Foi um bom ano. O Botafogo caiu, mas o Internacional chegou em terceiro no
Campeonato Nacional, vai disputar a Libertadores de 2015
Nós não estávamos no avião da Malaysian Airlines que desapareceu, não
estávamos no gol do Brasil no jogo dos 7 a 1 com a Alemanha, não tivemos nada a
ver com o escândalo da Petrobras, não votamos no Aécio ou votamos, mas não
achamos que ele perdeu, não fomos aprisionados e decapitados pelo Estado
Islâmico nem andamos perto de qualquer lugar bombardeado por drones, não
estávamos em Israel sob ameaça de foguetes palestinos nem em Gaza quando Israel
revidou, não fomos levados por nenhuma enxurrada ou soterrados por nenhum
deslize de terra nem morremos afogados tentando chegar à Itália num barco de
refugiados africanos, nem fomos pegos na fronteira do México tentando entrar
clandestinamente nos Estados Unidos, não morremos de overdose ou por qualquer
outra razão, doença ou desatenção, e o ebola chegou perto de nós apenas no
noticiário. Quer dizer, de um ponto de vista puramente subjetivo, foi um bom
ano.
Do jantar de Natal aqui em casa sobraram boas lembranças — e peru, claro. A
trilha sonora deste ano foi o último disco da Maria Rita, de quem me declaro um
devoto. Pelo que sei da sua vida, a Maria Rita nasceu e se criou nos Estados
Unidos, o que torna sua opção preferencial pelo samba ainda mais admirável.

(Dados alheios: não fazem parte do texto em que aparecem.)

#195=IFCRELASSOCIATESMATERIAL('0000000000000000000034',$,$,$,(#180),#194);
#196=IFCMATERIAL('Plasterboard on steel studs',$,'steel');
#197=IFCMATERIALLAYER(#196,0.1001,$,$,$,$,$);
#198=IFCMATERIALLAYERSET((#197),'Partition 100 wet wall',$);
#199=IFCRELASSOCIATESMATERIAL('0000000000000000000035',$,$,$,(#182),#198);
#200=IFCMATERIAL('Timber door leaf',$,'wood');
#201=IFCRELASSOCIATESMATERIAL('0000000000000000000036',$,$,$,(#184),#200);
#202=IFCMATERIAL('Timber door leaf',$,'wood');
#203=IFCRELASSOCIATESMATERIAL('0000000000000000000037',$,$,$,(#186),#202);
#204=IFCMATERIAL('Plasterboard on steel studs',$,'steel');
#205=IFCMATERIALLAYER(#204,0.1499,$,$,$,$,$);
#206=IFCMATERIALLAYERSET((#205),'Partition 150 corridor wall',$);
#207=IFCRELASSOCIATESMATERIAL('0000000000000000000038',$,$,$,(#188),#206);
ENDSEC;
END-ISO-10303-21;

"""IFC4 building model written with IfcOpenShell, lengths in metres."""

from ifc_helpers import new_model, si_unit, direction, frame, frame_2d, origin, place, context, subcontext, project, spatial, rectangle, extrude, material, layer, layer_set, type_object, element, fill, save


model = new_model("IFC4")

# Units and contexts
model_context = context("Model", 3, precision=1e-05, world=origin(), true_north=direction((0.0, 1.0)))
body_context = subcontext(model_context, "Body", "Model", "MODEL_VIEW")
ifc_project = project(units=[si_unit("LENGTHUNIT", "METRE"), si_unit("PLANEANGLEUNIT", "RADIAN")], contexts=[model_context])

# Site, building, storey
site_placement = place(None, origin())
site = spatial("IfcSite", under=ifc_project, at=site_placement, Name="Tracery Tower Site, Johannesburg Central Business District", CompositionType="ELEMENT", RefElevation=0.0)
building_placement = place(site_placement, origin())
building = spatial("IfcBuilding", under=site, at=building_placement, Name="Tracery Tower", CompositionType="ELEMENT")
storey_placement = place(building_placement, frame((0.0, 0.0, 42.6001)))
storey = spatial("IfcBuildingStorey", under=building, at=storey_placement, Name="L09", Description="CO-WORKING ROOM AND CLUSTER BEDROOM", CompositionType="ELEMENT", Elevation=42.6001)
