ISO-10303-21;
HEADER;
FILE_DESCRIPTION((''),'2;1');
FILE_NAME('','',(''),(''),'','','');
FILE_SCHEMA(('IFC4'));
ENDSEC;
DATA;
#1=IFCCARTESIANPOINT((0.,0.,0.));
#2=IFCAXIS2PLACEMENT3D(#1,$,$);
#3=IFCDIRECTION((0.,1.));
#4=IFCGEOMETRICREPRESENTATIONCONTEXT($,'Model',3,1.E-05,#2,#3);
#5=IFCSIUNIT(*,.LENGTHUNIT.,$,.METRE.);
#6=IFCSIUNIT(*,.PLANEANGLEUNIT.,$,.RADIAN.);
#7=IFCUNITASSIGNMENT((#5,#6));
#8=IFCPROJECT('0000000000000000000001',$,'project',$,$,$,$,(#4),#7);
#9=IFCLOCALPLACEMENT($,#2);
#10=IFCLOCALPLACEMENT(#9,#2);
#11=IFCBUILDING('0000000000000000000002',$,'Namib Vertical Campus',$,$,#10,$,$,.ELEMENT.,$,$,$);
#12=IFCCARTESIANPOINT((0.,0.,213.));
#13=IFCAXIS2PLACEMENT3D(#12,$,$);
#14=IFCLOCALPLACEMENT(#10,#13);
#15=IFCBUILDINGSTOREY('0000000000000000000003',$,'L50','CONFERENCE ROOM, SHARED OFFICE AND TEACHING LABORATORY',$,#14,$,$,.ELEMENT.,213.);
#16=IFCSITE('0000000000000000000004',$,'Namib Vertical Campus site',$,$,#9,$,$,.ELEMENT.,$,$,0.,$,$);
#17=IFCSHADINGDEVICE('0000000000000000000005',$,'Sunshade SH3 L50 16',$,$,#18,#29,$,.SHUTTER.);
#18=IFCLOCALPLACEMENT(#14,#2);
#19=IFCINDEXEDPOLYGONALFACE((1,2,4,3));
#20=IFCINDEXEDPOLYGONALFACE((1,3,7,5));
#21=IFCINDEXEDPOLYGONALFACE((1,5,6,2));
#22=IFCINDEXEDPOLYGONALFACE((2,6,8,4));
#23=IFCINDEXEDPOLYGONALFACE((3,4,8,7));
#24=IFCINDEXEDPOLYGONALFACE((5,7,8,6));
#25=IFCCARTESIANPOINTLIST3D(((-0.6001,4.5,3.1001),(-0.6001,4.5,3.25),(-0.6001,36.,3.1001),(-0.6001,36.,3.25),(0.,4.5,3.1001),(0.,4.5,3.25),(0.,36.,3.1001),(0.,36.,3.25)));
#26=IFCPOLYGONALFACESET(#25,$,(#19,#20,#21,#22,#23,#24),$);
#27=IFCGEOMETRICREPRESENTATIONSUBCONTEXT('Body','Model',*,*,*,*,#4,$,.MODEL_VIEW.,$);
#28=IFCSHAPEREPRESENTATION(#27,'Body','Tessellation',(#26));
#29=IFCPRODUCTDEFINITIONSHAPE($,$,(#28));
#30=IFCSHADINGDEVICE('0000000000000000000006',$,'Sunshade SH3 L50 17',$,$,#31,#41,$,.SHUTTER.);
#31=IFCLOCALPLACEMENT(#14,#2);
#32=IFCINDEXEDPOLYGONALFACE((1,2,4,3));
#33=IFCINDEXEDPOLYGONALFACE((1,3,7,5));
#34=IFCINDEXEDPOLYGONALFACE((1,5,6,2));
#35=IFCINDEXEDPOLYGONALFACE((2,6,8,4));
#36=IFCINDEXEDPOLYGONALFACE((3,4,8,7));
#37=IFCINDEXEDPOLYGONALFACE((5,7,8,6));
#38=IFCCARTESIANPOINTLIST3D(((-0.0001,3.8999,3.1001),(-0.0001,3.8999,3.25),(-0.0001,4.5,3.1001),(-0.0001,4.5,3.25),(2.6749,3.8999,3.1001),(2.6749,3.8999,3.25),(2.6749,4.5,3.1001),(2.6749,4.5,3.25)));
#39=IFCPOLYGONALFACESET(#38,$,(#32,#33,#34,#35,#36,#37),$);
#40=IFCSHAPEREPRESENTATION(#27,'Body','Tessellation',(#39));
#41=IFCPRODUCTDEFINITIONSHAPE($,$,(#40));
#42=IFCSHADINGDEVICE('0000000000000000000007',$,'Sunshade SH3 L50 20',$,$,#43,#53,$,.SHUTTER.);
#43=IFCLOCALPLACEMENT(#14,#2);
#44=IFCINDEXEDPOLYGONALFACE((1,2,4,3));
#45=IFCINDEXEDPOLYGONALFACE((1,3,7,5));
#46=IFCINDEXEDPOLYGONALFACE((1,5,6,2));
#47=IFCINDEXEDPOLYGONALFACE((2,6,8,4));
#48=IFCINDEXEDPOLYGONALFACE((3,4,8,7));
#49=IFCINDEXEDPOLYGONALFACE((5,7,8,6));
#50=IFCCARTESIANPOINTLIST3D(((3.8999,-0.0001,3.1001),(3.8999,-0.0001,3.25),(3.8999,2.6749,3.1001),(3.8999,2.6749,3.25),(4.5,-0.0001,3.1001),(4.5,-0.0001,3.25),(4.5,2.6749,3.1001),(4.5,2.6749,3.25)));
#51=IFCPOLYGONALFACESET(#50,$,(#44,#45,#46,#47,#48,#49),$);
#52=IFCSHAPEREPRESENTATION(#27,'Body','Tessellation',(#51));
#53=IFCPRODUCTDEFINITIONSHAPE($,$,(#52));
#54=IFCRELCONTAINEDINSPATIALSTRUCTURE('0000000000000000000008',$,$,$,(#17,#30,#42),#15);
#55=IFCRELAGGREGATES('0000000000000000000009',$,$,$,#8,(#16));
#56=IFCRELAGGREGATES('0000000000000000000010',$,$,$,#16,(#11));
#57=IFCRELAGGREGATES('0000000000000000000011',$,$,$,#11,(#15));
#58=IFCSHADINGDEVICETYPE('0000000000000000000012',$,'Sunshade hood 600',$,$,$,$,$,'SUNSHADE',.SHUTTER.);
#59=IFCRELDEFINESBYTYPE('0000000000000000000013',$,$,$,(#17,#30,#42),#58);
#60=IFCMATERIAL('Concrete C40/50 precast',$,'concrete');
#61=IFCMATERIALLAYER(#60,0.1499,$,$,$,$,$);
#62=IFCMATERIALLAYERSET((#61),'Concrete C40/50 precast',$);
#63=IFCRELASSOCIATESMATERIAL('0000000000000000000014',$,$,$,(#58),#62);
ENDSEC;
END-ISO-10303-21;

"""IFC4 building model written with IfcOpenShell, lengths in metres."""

from ifc_helpers import new_model, si_unit, direction, frame, origin, origin_2d, place, context, subcontext, project, spatial, rectangle, extrude, material, layer, layer_set, type_object, element, save


model = new_model("IFC4")

# Units and contexts
model_context = context("Model", 3, precision=1e-05, world=origin(), true_north=direction((0.0, 1.0)))
body_context = subcontext(model_context, "Body", "Model", "MODEL_VIEW")
ifc_project = project(units=[si_unit("LENGTHUNIT", "METRE"), si_unit("PLANEANGLEUNIT", "RADIAN")], contexts=[model_context])

# Site, building, storey
site_placement = place(None, origin())
site = spatial("IfcSite", under=ifc_project, at=site_placement, Name="Namib Vertical Campus site", CompositionType="ELEMENT", RefElevation=0.0)
building_placement = place(site_placement, origin())
building = spatial("IfcBuilding", under=site, at=building_placement, Name="Namib Vertical Campus", CompositionType="ELEMENT")
storey_placement = place(building_placement, frame((0.0, 0.0, 213.0)))
storey = spatial("IfcBuildingStorey", under=building, at=storey_placement, Name="L50", Description="CONFERENCE ROOM, SHARED OFFICE AND TEACHING LABORATORY", CompositionType="ELEMENT", Elevation=213.0)

# Shading devices
ifc_material_1 = material(Name="Concrete C40/50 precast", Category="concrete")
ifc_layer_1 = layer(ifc_material_1, 0.1499)
ifc_layer_set_1 = layer_set([ifc_layer_1], Name="Concrete C40/50 precast")
shading_device_type = type_object("IfcShadingDeviceType", Name="Sunshade hood 600", ElementType="SUNSHADE", PredefinedType="SHUTTER", material=ifc_layer_set_1)
shading_device_placement = place(storey_placement, frame((-0.3, 20.25, 3.1001), z_axis=(0.0, 0.0, 1.0), x_axis=(0.0, -1.0, 0.0)))
element("IfcShadingDevice", 1, at=shading_device_placement, inside=storey, type_object=shading_device_type, Name="Sunshade SH3 L50 16", PredefinedType="SHUTTER", context=body_context, shape_type="SweptSolid", body=[
    extrude(rectangle(XDim=31.5, YDim=0.6001, at=origin_2d()), origin(), (0.0, 0.0, 1.0), 0.1499),
])
for number, where, z_axis, x_axis, name in (
    (2, (1.3374, 4.2, 3.1001), (0.0, 0.0, 1.0), (1.0, 0.0, 0.0), "Sunshade SH3 L50 17"),
    (3, (4.2, 1.3374, 3.1001), (0.0, 0.0, 1.0), (0.0, -1.0, 0.0), "Sunshade SH3 L50 20"),
):
    element("IfcShadingDevice", number, at=place(storey_placement, frame(where, z_axis=z_axis, x_axis=x_axis)), inside=storey, type_object=shading_device_type, Name=name, PredefinedType="SHUTTER", context=body_context, shape_type="SweptSolid", body=[
        extrude(rectangle(XDim=2.675, YDim=0.6001, at=origin_2d()), origin(), (0.0, 0.0, 1.0), 0.1499),
    ])

save(model, "model.ifc")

Uma das faixas do seu novo CD é um sambão de Arlindo Cruz, Rogé e Arlindo
Neto intitulado “É corpo, é alma, é religião”, que começa assim: “Eu não nasci
no samba, mas o samba nasceu em mim.” Intencional ou não, a frase serve como uma
autobiografia da cantora, que nasceu longe do samba, mas tinha o samba na alma,
ou nos genes.
Hoje, pode-se dizer, sem exagero ou idolatria, que ela faz parte de um
triunvirato das nossas maiores sambistas, com a Alcione e a Beth Carvalho. E,
além de tudo, é uma bela mulher. O nome do disco é “Coração a batucar”.
Compre.
Nossas trilhas sonoras familiares são ecléticas, Charles Aznavour e Michel
Légrand fazem coro com Aldir Blanc e Moacyr Luz, Mônica Salmaso faz dueto com
Patricia Barber e quando menos se espera ouve-se o Miles fazendo fundo pro
Chico. E preciso revelar um segredo que, espero, fique só entre os 17 leitores
desta coluna.
Chega um ponto em que nada mais serve a não ser o Luis Miguel cantando “Che
sei tu”. Preciso dançar um bolero do Luis Miguel com as minhas filhas. É um
momento que exige uma certa solenidade. Mas as minhas filhas, não sei por quê,
sempre fogem na hora do Luis Miguel. Algo sobre não pagar mico. Vá entender.
Foi um bom ano. O Botafogo caiu, mas o Internacional chegou em terceiro no
Campeonato Nacional, vai disputar a Libertadores de 2015 e no fim do ano poderá
muito bem ser de novo campeão do mundo, se ainda houver mundo.